Washington's special Mideast envoy launched a last-ditch push Tuesday to wring an Israeli promise to curtail settlement construction and persuade the Palestinians to attend a high-profile U.S. meeting meant as a prelude to peacemaking.
George Mitchell's meeting with Israeli Prime Minister Benjamin Netanyahu will be crucial to U.S. President Barack Obama's credibility in the Arab world and as a Mideast peace broker. If Mitchell fails to wrest significant concessions from Netanyahu, the Arab world is likely to become skeptical of Obama and the unprecedented pressure he has put on Israel to halt settlement expansion.
Palestinian President Mahmoud Abbas has repeatedly said he would not resume official talks with Israel unless settlement construction comes to a total halt. Aides have said, however, that he might agree to an informal sitdown with Netanyahu next week on the sidelines of a U.N. meeting in New York.
Mitchell met first with Netanyahu on Tuesday, a day after the Israeli leader rejected U.S. calls for a settlement freeze. He said plans to build nearly 3,000 new apartments in the West Bank will remain on course and there will be no restrictions on expanding Jewish neighborhoods in east Jerusalem, Netanyahu said.
Palestinians claim both areas for a future state that would also include the Hamas-run Gaza Strip.
Netanyahu reiterated his willingness to suspend for a limited time any other new construction in the West Bank, hoping that will be enough of an overture for the Americans and the Palestinians. But that tradeoff hasn't elicited much enthusiasm in either quarter.
As they entered their meeting, Mitchell expressed hope of bringing "this phase of our discussions to early conclusion" and to "move forward in our common search for comprehensive peace in the region."
After the meeting, which lasted more than two hours, Netanyahu's office put out a pager statement saying the talks were "good" and that the two men would hold an unscheduled second session on Wednesday morning.
Mitchell hopes in his meetings with Netanyahu, and later Tuesday with Abbas, to bridge the differences and set the stage for the first encounter between the Palestinian and Israeli leaders since Netanyahu took office in March. Both will be in New York next week for the opening of the U.S. General Assembly, and there has been speculation that Obama would join an Abbas-Netanyahu meeting.

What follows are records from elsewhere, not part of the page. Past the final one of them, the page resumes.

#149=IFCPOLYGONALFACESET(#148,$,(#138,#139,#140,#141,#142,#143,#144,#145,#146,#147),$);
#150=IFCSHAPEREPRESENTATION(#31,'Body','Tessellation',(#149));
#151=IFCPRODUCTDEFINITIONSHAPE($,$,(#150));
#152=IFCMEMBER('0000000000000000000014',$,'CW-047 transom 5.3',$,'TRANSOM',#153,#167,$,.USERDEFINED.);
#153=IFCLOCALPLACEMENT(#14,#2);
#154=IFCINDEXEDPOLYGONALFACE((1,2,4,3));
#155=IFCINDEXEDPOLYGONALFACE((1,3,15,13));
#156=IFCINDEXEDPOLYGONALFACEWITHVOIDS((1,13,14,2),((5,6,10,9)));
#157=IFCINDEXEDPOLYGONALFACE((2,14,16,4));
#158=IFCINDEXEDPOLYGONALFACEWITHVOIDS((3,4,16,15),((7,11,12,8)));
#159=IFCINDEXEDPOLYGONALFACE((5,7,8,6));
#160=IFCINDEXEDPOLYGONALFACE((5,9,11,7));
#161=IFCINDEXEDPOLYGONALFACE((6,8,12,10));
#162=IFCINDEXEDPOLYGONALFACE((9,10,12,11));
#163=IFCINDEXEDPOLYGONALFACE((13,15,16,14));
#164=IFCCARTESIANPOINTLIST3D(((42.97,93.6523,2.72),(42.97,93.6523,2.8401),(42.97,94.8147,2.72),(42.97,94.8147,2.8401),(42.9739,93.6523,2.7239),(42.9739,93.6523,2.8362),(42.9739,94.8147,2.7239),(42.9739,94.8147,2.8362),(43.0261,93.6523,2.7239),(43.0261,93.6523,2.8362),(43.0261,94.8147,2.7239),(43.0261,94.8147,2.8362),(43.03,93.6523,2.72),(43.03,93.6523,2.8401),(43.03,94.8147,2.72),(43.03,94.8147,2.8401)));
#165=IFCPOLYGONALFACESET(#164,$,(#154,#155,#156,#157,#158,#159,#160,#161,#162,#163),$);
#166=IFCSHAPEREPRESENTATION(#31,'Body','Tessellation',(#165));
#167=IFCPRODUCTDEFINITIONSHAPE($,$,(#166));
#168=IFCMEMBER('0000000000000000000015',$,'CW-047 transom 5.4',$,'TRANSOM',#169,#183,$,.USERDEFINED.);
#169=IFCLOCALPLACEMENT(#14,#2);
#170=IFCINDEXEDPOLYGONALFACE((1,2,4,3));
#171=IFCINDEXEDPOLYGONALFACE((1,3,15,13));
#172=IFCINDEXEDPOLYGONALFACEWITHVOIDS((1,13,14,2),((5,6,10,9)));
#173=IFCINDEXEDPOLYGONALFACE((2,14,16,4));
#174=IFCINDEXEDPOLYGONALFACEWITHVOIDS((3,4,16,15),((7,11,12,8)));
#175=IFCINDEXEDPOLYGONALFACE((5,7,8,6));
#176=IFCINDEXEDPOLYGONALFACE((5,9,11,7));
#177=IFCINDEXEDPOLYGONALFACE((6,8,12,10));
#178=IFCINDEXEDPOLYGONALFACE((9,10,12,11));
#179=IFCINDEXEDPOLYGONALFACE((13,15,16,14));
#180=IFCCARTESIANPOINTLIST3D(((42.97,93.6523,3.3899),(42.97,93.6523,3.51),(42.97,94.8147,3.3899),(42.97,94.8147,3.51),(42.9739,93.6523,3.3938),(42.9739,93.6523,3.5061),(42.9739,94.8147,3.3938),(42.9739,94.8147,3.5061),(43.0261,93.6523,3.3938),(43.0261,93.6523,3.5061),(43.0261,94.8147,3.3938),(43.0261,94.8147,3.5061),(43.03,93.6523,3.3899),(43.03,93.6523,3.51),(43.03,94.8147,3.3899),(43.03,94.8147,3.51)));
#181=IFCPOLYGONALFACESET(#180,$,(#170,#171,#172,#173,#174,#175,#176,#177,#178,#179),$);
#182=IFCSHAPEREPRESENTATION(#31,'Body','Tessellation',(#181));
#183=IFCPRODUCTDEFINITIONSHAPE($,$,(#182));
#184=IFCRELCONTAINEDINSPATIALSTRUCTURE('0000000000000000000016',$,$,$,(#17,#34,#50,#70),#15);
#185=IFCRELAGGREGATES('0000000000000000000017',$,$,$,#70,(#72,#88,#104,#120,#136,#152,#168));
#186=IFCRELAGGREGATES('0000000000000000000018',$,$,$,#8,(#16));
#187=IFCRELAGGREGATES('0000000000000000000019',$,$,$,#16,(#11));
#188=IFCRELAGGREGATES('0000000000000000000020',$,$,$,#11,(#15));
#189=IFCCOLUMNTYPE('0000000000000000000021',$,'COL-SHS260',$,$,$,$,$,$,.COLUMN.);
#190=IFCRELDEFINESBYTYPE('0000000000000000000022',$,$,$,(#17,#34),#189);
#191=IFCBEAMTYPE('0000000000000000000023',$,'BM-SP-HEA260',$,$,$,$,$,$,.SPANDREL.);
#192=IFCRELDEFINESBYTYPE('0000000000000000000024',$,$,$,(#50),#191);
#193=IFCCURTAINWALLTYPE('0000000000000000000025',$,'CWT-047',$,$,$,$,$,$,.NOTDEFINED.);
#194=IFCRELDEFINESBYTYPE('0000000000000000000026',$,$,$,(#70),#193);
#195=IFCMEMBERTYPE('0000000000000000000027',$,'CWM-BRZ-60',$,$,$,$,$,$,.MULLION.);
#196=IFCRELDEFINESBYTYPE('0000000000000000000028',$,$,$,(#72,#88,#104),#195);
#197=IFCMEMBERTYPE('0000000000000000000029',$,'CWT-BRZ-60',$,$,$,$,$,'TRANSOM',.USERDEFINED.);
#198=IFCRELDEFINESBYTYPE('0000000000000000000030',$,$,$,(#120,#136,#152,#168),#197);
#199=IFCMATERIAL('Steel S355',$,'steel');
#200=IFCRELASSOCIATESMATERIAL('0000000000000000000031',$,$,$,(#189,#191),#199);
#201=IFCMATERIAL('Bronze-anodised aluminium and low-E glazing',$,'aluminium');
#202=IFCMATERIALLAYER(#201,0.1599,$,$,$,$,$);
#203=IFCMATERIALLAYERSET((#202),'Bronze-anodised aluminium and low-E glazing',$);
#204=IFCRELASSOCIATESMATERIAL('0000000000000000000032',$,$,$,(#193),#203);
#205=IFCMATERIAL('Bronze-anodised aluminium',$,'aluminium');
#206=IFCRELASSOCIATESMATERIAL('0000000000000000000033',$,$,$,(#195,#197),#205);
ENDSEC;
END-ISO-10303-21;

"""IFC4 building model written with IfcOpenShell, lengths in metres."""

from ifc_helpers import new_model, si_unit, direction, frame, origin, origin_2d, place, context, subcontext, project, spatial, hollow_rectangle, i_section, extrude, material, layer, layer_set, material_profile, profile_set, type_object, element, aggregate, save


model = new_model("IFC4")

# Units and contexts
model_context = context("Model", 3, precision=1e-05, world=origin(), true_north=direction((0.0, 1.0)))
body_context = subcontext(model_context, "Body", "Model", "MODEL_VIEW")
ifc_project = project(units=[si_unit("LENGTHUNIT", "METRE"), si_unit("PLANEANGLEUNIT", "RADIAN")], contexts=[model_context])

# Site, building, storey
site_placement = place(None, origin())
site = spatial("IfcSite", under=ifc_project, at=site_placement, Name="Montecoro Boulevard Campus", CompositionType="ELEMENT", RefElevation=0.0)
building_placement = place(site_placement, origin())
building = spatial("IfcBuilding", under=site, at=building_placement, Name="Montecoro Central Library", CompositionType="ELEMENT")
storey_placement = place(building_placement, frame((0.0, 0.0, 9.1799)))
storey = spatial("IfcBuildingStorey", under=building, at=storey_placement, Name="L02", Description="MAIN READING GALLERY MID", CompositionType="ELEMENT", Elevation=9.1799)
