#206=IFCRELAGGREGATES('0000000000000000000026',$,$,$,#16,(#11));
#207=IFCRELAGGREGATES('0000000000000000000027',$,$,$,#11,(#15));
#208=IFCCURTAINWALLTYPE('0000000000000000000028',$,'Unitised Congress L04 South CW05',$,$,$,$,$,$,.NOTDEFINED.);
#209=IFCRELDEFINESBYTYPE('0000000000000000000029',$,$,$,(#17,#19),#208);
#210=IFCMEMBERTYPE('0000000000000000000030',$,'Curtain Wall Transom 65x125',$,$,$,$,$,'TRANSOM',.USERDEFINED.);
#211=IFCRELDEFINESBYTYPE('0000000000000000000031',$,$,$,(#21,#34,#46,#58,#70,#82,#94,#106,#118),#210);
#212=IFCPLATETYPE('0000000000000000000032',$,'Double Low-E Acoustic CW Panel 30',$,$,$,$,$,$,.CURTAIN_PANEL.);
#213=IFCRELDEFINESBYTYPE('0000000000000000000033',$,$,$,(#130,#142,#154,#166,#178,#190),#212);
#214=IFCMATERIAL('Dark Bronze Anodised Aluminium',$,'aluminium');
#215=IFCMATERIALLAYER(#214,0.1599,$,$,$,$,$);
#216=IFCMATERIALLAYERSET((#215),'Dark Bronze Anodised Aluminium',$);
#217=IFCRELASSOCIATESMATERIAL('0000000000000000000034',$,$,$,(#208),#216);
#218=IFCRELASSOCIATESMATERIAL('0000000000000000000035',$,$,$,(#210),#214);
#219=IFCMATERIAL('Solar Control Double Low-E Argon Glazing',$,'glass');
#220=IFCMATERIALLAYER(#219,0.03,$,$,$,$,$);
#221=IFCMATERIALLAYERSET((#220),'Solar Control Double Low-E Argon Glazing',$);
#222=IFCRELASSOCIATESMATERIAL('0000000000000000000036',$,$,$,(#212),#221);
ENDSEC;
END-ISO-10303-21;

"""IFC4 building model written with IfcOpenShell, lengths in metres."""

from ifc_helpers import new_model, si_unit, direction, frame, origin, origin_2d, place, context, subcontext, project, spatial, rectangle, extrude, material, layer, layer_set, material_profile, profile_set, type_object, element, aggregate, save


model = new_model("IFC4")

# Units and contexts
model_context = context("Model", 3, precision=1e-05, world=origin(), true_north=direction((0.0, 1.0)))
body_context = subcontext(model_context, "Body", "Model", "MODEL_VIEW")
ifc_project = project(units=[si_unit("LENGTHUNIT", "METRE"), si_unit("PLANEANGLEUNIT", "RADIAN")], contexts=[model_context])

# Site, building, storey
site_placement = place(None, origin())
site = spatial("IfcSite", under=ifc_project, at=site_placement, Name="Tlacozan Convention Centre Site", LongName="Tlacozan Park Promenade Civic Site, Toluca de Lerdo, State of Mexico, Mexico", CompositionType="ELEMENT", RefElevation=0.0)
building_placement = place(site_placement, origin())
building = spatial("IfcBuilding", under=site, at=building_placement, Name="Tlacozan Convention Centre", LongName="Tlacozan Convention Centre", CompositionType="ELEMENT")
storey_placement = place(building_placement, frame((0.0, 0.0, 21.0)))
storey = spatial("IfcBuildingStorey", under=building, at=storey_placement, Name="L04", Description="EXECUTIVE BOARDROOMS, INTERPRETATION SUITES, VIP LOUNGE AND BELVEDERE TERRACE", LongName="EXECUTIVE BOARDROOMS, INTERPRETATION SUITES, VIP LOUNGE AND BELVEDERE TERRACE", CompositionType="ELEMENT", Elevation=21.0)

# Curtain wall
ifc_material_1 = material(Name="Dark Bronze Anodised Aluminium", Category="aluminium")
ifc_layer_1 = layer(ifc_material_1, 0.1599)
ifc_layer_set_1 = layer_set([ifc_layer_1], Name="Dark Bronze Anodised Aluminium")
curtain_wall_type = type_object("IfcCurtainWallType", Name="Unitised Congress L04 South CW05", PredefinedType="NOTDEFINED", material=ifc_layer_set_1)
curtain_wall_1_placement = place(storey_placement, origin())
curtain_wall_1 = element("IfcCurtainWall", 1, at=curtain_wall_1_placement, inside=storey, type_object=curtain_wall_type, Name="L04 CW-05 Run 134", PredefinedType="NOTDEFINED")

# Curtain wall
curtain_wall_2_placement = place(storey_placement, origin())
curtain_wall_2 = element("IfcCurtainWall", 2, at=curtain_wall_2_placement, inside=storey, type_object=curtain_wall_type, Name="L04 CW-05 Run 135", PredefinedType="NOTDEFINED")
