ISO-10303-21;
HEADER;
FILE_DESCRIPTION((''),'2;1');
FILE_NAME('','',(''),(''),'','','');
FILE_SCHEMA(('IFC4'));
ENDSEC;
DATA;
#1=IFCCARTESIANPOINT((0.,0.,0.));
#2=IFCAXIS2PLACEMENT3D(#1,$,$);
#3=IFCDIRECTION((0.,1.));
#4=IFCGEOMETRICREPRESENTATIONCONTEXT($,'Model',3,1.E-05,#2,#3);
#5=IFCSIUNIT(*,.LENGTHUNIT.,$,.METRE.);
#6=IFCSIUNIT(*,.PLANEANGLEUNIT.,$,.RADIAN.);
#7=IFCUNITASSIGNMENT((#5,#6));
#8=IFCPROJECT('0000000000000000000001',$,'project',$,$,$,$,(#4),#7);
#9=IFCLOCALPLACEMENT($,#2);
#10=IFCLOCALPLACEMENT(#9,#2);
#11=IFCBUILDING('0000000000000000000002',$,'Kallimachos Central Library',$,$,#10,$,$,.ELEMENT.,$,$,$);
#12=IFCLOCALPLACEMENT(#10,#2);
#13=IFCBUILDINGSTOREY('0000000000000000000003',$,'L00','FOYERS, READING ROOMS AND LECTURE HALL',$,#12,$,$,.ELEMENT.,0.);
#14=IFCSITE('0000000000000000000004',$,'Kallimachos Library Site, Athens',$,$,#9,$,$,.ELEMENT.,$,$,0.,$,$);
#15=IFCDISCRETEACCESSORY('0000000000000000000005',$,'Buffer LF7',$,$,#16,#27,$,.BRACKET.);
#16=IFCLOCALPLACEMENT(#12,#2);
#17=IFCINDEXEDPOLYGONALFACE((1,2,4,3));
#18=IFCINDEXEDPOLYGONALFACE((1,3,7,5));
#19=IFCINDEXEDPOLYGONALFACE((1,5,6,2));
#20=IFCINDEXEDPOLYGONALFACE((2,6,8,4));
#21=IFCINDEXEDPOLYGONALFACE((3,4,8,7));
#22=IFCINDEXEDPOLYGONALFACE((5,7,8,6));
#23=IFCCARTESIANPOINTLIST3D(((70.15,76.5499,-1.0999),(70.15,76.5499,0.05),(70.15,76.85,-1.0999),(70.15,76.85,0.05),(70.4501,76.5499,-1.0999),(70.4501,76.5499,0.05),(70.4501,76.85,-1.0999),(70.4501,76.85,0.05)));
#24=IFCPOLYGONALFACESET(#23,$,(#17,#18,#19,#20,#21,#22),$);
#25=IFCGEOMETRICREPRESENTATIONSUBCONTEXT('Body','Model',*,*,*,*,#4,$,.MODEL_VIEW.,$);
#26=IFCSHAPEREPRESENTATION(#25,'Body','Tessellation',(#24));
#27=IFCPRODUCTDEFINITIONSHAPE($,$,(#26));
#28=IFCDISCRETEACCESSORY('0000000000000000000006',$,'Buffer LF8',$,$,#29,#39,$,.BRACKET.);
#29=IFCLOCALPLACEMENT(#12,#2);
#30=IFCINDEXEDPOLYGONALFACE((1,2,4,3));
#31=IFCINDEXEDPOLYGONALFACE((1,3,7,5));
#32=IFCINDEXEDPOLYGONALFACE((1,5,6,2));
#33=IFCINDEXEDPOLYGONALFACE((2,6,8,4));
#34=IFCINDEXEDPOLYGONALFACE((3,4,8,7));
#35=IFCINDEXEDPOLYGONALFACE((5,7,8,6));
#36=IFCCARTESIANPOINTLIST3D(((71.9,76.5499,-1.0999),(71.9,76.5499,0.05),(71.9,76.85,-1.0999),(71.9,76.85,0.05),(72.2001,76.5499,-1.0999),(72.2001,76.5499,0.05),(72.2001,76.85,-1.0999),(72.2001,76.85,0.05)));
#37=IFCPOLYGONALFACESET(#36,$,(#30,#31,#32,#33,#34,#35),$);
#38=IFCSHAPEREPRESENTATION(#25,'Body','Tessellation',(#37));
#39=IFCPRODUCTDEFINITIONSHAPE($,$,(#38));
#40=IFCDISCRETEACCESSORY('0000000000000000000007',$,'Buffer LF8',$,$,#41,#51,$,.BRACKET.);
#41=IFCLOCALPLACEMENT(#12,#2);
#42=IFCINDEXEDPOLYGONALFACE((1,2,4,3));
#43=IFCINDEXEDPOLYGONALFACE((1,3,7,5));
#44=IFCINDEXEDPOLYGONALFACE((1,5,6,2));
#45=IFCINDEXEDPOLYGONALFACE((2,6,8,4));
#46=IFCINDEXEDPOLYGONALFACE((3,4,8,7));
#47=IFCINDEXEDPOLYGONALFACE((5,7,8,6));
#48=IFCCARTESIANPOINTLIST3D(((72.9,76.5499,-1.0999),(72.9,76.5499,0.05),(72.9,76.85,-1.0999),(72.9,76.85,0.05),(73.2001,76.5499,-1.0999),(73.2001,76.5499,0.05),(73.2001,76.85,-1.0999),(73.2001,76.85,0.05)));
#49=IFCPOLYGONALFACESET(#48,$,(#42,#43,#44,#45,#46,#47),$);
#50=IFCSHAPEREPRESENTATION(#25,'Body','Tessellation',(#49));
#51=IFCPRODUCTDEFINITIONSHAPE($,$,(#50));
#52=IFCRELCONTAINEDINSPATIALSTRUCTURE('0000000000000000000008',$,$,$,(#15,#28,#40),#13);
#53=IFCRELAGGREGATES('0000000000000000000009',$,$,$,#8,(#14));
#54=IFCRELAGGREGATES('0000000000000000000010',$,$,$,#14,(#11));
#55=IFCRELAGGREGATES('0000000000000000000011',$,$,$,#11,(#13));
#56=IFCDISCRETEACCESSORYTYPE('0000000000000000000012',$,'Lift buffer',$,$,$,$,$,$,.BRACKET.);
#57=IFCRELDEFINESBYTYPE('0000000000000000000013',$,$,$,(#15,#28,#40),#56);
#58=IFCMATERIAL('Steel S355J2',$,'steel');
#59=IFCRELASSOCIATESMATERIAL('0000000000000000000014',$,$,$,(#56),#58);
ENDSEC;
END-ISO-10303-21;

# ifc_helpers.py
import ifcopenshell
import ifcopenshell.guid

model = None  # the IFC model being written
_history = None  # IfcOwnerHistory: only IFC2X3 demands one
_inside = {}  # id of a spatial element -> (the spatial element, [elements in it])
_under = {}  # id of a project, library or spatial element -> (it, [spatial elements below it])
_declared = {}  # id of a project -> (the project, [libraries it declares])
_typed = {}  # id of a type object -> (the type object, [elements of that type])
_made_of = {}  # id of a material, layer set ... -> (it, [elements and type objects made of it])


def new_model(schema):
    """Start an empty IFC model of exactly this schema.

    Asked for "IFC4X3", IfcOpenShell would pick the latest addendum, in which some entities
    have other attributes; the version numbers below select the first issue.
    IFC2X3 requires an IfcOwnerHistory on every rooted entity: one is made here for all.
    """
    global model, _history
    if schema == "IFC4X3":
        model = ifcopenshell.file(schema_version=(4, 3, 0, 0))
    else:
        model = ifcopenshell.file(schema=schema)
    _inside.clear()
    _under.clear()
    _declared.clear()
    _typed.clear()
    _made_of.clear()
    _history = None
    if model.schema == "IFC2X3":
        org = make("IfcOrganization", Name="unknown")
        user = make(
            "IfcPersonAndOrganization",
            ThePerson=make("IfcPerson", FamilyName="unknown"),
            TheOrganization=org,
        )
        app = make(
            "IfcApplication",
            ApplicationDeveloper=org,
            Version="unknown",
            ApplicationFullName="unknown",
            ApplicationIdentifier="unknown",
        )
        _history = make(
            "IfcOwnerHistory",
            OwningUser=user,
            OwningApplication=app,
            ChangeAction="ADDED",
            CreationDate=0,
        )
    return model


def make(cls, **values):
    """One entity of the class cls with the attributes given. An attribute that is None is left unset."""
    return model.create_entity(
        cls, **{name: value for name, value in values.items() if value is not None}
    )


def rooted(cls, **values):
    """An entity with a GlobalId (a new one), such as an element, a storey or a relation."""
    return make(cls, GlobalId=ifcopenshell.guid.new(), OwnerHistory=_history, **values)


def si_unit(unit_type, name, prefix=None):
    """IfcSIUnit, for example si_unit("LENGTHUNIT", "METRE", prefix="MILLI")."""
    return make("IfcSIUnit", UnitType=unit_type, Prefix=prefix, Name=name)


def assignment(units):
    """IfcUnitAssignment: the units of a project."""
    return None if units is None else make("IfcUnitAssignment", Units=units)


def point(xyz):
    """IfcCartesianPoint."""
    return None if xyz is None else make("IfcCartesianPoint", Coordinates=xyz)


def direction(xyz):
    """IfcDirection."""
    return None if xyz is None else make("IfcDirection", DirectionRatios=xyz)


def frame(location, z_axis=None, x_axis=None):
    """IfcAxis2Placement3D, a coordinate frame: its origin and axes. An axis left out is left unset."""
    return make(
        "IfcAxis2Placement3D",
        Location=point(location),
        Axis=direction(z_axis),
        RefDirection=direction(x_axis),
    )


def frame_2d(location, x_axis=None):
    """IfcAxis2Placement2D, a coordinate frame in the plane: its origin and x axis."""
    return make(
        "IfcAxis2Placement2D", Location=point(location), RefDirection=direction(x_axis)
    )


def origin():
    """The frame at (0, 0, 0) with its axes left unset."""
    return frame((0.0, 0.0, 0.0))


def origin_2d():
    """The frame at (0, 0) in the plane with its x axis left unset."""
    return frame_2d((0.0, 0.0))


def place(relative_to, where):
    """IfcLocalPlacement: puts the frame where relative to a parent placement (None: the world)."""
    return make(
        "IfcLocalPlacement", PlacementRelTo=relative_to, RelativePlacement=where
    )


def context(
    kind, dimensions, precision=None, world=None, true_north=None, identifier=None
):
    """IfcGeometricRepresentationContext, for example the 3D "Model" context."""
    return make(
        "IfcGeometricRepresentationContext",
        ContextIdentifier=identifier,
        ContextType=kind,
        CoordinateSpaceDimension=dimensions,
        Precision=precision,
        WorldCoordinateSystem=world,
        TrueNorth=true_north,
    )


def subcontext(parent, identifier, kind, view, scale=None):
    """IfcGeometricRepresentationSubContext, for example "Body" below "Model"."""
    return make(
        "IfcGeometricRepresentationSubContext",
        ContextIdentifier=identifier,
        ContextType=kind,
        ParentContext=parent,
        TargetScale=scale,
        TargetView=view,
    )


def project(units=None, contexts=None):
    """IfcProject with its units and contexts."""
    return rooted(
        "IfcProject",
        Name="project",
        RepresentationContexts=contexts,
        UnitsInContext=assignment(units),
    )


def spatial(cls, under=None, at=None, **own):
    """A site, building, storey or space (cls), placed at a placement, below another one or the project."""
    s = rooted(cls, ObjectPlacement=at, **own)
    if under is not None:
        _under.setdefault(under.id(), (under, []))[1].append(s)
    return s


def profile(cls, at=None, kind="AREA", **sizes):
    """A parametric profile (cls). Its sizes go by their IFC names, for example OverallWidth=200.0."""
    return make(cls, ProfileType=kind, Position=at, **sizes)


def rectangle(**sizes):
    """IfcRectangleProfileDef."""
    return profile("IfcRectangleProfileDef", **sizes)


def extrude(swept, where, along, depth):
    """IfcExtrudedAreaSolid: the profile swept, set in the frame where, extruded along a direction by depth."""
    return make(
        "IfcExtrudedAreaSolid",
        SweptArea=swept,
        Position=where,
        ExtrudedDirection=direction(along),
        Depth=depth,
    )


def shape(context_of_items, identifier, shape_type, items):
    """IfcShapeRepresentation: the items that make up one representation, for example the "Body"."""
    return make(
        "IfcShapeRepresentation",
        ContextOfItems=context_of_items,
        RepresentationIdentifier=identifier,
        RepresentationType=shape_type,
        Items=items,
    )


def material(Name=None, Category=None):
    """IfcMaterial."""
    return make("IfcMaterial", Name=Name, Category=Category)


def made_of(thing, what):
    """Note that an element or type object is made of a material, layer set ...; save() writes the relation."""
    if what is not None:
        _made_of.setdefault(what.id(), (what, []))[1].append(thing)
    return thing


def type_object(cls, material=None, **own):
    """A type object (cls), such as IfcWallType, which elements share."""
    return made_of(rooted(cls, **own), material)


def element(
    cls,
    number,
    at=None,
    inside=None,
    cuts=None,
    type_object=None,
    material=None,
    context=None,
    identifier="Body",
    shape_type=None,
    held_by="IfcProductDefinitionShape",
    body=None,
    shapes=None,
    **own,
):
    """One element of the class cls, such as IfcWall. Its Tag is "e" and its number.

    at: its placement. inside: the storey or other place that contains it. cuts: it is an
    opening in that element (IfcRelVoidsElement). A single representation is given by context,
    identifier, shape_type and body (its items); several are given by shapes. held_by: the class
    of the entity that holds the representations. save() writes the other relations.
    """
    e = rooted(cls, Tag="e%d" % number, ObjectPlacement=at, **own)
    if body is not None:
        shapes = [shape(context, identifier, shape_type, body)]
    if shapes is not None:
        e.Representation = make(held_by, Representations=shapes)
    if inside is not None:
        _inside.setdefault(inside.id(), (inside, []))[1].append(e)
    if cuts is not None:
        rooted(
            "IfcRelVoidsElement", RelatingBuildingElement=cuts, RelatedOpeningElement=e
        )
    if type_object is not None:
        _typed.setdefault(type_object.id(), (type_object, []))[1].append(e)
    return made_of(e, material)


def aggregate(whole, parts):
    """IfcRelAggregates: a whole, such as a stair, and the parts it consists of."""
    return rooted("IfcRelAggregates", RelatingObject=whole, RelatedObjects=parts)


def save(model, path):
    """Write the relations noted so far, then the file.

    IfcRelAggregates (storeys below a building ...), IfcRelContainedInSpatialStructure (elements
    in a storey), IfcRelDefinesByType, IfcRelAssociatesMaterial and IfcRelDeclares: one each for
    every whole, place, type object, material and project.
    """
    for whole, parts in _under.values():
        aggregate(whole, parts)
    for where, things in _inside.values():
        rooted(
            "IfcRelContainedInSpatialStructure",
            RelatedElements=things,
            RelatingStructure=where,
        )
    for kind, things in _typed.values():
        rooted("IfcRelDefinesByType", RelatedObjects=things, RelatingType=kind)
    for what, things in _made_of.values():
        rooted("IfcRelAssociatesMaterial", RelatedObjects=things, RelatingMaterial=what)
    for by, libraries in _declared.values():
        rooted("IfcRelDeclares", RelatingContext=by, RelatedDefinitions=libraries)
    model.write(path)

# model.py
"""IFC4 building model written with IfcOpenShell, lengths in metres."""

from ifc_helpers import new_model, si_unit, direction, frame, origin, origin_2d, place, context, subcontext, project, spatial, rectangle, extrude, material, type_object, element, save


model = new_model("IFC4")

# Units and contexts
model_context = context("Model", 3, precision=1e-05, world=origin(), true_north=direction((0.0, 1.0)))
body_context = subcontext(model_context, "Body", "Model", "MODEL_VIEW")
ifc_project = project(units=[si_unit("LENGTHUNIT", "METRE"), si_unit("PLANEANGLEUNIT", "RADIAN")], contexts=[model_context])

# Site, building, storey
site_placement = place(None, origin())
site = spatial("IfcSite", under=ifc_project, at=site_placement, Name="Kallimachos Library Site, Athens", CompositionType="ELEMENT", RefElevation=0.0)
building_placement = place(site_placement, origin())
building = spatial("IfcBuilding", under=site, at=building_placement, Name="Kallimachos Central Library", CompositionType="ELEMENT")
storey_placement = place(building_placement, origin())
storey = spatial("IfcBuildingStorey", under=building, at=storey_placement, Name="L00", Description="FOYERS, READING ROOMS AND LECTURE HALL", CompositionType="ELEMENT", Elevation=0.0)

# Discrete accessories
ifc_material_1 = material(Name="Steel S355J2", Category="steel")
discrete_accessory_type = type_object("IfcDiscreteAccessoryType", Name="Lift buffer", PredefinedType="BRACKET", material=ifc_material_1)
for number, where, z_axis, x_axis, name in (
    (1, (70.3, 76.7, -1.0999), (0.0, 0.0, 1.0), (1.0, 0.0, 0.0), "Buffer LF7"),
    (2, (72.05, 76.7, -1.0999), (0.0, 0.0, 1.0), (1.0, 0.0, 0.0), "Buffer LF8"),
    (3, (73.05, 76.7, -1.0999), (0.0, 0.0, 1.0), (1.0, 0.0, 0.0), "Buffer LF8"),
):
    element("IfcDiscreteAccessory", number, at=place(storey_placement, frame(where, z_axis=z_axis, x_axis=x_axis)), inside=storey, type_object=discrete_accessory_type, Name=name, PredefinedType="BRACKET", context=body_context, shape_type="SweptSolid", body=[
        extrude(rectangle(XDim=0.3, YDim=0.3, at=origin_2d()), origin(), (0.0, 0.0, 1.0), 1.1499),
    ])

save(model, "model.ifc")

Israeli officials said Tuesday that President Shimon Peres met clandestinely with chief Palestinian negotiator Saeb Erekat in Jerusalem last week to try to pressure the Palestinians to meet with Netanyahu. The Israeli presidency is a ceremonial position, but Peres carries cachet in the international community for advancing the landmark 1993 accord between Israel and the Palestinians, which won him a Nobel Peace Prize.
The officials spoke on condition of anonymity because the visit had been secret.
An Abbas-Netanyahu meeting would not necessarily signal a watershed. Israel and the Palestinians have held multiple rounds of talks without producing an accord ending decades of conflict.
And this time things could be even tougher.
Netanyahu grudgingly has accepted the concept of Palestinian statehood — but only under intense heavy U.S. pressure and with conditions the Palestinians reject. He is ideologically committed to Israel's settlement enterprise and reluctant to make the territorial concessions necessary to strike a deal, arguing they would compromise Israel's security.
Palestinian militants' takeover of the Gaza Strip after Israel's evacuation of the territory in 2005 has made these fears more tangible.
Abbas, for his part, would be skewered at home for agreeing to launch negotiations without first assuring a complete settlement freeze.
For more than a year, he held talks with Netanyahu's dovish predecessor, Ehud Olmert, that ultimately went nowhere. That has cost Abbas credibility among his own constituency, which has narrowed considerably since Islamic Hamas militants overran Gaza in 2007, leaving him controlling only the West Bank.